Ahí acabó la aventura, pero no el influjo de Saint-Simon. Los mejores ingenieros, banqueros, periodistas y políticos del último tercio del siglo XIX fueron saintsimonianos. La primer mujer que obtuvo el bachillerato en Francia, lo consiguió en 1861 gracias al apoyo de ellos.
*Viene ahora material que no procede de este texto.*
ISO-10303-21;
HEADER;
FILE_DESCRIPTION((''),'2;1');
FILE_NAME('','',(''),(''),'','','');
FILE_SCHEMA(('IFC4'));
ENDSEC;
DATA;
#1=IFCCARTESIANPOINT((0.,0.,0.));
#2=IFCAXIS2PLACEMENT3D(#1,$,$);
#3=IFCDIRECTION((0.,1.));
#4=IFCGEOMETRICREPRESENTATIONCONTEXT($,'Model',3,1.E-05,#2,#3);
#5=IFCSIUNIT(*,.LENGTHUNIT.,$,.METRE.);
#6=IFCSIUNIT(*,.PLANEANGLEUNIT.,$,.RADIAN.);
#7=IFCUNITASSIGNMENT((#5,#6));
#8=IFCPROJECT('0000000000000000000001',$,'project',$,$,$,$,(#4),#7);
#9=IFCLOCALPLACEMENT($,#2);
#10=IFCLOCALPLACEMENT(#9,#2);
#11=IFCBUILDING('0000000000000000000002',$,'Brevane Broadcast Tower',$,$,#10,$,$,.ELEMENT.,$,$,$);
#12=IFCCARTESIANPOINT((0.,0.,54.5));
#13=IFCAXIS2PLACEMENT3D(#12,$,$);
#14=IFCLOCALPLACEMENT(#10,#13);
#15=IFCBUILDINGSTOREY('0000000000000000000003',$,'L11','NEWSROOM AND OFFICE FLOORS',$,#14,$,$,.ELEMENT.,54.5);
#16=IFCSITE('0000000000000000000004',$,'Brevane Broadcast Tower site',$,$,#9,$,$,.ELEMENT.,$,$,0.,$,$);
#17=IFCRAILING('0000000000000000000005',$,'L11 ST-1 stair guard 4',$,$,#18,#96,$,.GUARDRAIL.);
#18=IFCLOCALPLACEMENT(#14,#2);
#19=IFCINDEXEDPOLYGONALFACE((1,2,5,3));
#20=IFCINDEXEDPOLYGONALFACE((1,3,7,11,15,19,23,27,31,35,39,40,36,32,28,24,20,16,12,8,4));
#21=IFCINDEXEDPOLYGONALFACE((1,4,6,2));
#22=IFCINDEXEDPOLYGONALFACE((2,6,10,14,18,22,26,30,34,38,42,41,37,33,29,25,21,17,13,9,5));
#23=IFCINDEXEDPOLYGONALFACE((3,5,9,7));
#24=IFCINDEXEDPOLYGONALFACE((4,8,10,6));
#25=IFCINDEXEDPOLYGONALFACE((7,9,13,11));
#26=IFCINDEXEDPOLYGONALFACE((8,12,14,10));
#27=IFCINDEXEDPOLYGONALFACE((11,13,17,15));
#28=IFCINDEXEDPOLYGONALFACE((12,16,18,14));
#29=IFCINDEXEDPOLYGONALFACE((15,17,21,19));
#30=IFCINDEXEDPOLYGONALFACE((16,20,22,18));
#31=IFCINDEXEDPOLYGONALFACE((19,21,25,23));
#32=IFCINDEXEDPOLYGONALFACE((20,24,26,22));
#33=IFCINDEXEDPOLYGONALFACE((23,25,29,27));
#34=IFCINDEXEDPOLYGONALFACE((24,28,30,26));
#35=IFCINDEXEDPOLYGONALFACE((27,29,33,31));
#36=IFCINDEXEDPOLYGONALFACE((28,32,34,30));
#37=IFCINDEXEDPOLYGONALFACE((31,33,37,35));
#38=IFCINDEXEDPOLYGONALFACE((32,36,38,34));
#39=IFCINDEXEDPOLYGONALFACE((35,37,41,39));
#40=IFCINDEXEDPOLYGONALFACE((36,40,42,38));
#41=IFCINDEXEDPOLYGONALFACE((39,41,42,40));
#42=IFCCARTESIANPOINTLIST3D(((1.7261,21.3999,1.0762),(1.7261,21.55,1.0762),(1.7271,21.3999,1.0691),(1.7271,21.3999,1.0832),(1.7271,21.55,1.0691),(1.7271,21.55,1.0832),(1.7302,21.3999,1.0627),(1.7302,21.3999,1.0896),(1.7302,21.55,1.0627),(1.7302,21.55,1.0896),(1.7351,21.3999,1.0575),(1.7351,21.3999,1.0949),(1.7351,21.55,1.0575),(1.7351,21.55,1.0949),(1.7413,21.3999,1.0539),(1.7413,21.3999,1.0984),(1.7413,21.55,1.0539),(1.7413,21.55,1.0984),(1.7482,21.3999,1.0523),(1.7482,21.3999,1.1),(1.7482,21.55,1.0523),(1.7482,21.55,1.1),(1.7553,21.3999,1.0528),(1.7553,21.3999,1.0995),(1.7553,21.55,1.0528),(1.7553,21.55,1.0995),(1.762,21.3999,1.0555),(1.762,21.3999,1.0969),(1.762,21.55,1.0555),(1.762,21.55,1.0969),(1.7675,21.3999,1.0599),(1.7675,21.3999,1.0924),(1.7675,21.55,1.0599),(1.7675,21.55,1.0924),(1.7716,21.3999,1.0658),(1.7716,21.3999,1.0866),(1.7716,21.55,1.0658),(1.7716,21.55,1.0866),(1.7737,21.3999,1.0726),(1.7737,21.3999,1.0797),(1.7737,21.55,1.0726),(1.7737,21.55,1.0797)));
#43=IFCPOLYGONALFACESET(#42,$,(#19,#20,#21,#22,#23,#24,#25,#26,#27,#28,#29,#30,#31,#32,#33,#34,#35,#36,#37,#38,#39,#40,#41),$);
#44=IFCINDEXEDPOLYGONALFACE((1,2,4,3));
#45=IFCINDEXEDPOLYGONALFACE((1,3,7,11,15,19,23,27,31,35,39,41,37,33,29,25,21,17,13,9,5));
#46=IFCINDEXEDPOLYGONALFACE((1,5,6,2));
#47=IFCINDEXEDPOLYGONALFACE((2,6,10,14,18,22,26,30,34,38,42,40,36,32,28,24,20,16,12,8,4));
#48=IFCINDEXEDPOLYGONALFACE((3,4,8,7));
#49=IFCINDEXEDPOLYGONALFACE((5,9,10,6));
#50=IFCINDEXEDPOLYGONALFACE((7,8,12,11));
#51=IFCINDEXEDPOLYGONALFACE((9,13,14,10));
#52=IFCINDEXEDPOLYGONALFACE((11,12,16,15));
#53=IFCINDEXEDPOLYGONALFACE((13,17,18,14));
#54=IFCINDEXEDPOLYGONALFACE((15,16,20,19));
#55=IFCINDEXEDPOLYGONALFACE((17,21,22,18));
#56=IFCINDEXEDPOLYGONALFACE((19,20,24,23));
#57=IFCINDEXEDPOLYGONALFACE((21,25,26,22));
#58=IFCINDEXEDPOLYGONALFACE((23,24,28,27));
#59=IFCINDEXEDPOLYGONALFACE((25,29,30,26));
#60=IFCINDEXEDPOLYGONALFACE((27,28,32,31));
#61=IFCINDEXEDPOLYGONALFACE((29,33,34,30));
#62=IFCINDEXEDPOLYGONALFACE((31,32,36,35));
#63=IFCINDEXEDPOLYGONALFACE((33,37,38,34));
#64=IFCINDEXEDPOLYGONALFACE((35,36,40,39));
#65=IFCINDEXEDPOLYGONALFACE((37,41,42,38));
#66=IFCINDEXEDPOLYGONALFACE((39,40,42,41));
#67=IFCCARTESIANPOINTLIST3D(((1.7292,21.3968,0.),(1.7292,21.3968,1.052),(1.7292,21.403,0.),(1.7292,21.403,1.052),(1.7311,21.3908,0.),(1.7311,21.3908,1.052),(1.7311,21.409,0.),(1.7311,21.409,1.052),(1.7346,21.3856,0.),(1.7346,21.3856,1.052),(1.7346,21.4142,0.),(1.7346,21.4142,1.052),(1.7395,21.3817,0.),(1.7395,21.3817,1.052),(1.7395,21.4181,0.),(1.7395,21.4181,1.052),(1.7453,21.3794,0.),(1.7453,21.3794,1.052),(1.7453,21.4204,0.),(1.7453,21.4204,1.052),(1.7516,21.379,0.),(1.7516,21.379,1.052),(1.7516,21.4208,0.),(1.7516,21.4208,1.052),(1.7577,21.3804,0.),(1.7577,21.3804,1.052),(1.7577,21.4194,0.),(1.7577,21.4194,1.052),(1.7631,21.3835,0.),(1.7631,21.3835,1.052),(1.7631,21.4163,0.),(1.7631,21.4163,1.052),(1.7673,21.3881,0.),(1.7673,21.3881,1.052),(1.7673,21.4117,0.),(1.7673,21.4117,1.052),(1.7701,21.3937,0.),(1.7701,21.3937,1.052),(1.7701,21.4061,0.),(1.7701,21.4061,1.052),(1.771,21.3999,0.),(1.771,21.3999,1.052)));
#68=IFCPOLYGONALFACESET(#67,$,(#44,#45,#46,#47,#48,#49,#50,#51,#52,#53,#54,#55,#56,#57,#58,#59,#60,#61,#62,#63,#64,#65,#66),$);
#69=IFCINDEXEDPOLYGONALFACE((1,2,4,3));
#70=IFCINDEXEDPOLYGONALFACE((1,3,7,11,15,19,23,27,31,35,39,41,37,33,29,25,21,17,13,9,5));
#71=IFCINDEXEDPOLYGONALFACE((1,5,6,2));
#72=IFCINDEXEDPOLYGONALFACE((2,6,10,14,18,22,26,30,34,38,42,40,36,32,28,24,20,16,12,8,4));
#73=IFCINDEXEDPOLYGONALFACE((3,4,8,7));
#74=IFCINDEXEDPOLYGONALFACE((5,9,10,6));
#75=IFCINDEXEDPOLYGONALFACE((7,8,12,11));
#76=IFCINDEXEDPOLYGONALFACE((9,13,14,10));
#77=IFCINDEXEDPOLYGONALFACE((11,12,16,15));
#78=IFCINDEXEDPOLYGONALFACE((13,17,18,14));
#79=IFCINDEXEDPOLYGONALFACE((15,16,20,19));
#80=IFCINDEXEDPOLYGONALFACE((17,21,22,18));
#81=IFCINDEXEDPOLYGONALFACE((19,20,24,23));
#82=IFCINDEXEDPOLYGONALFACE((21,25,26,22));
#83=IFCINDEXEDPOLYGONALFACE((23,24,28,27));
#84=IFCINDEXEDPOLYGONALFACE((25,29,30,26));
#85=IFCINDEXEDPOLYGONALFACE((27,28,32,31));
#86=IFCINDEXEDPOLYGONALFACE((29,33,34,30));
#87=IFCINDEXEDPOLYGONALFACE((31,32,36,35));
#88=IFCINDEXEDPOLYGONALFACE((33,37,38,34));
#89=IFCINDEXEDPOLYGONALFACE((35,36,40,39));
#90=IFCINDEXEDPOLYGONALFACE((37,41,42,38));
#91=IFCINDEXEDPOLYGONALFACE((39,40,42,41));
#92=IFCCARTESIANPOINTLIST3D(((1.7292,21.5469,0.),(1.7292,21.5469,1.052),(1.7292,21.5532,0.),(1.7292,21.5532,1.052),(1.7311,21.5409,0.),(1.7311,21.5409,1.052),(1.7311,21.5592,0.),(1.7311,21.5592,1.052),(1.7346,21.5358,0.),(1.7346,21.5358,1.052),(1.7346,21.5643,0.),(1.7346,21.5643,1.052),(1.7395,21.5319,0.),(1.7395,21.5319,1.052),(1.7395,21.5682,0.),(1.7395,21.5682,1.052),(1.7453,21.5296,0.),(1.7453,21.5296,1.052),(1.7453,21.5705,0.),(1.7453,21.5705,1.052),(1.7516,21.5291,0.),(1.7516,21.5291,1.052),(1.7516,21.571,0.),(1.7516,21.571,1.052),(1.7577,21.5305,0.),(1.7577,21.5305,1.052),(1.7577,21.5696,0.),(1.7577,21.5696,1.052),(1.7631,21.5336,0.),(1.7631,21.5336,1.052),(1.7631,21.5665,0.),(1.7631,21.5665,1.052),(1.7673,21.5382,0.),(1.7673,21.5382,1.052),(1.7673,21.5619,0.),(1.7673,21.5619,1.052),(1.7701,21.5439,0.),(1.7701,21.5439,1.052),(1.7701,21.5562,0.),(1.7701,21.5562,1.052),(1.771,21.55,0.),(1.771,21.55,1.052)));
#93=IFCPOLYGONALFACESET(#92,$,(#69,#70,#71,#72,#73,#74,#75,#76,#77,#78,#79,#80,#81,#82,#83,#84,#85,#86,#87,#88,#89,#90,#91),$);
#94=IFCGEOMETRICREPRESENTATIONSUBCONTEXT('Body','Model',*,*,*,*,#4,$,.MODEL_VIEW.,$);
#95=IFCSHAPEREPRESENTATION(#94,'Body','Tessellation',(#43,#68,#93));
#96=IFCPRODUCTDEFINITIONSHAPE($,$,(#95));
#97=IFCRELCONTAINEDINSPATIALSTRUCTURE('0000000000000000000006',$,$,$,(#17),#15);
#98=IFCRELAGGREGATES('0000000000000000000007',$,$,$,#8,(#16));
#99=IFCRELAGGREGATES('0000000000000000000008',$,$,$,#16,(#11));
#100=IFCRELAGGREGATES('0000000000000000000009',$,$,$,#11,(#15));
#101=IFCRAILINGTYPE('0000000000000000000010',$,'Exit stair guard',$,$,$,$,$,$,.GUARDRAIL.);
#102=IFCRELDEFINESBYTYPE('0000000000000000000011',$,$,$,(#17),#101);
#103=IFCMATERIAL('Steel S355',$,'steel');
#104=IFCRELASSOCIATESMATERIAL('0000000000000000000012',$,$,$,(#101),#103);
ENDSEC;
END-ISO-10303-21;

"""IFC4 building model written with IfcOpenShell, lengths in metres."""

from ifc_helpers import new_model, si_unit, direction, frame, origin, origin_2d, place, context, subcontext, project, spatial, circle, extrude, material, type_object, element, save


model = new_model("IFC4")

# Units and contexts
model_context = context("Model", 3, precision=1e-05, world=origin(), true_north=direction((0.0, 1.0)))
body_context = subcontext(model_context, "Body", "Model", "MODEL_VIEW")
ifc_project = project(units=[si_unit("LENGTHUNIT", "METRE"), si_unit("PLANEANGLEUNIT", "RADIAN")], contexts=[model_context])

# Site, building, storey
site_placement = place(None, origin())
site = spatial("IfcSite", under=ifc_project, at=site_placement, Name="Brevane Broadcast Tower site", CompositionType="ELEMENT", RefElevation=0.0)
building_placement = place(site_placement, origin())
building = spatial("IfcBuilding", under=site, at=building_placement, Name="Brevane Broadcast Tower", CompositionType="ELEMENT")
storey_placement = place(building_placement, frame((0.0, 0.0, 54.5)))
storey = spatial("IfcBuildingStorey", under=building, at=storey_placement, Name="L11", Description="NEWSROOM AND OFFICE FLOORS", CompositionType="ELEMENT", Elevation=54.5)

# Railing
ifc_material_1 = material(Name="Steel S355", Category="steel")
railing_type_1 = type_object("IfcRailingType", Name="Exit stair guard", PredefinedType="GUARDRAIL", material=ifc_material_1)
railing_1_placement = place(storey_placement, frame((1.75, 21.3999, 0.0)))
element("IfcRailing", 1, at=railing_1_placement, inside=storey, type_object=railing_type_1, Name="L11 ST-1 stair guard 4", PredefinedType="GUARDRAIL", context=body_context, shape_type="SweptSolid", body=[
    extrude(circle(Radius=0.0239, at=origin_2d()), frame((0.0, 0.0, 1.0762), z_axis=(0.0, 1.0, 0.0), x_axis=(-1.0, 0.0, 0.0)), (0.0, 0.0, 1.0), 0.1501),
    extrude(circle(Radius=0.021, at=origin_2d()), origin(), (0.0, 0.0, 1.0), 1.052),
    extrude(circle(Radius=0.021, at=origin_2d()), frame((0.0, 0.1501, 0.0)), (0.0, 0.0, 1.0), 1.052),
])

save(model, "model.ifc")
A pesar de luchar contra el individualismo ideológico, su búsqueda individual les permitió encumbrarse en puestos de relevancia y fomentar las grandes infraestructuras públicas internacionales, financiadas por una potente banca y alimentadas por el mercado libre, como el Canal de Suez, o el sueño de Michel Chevalier: el ferrocarril transeuropeo. Fue, probablemente, el origen del socialismo mercantilista que domina la Europa actual, inviable sin iniciativa individual, como la que llevó a sus fundadores a establecerse en Ménilmontant o a ayudar a una periodista económica a estudiar bachillerato.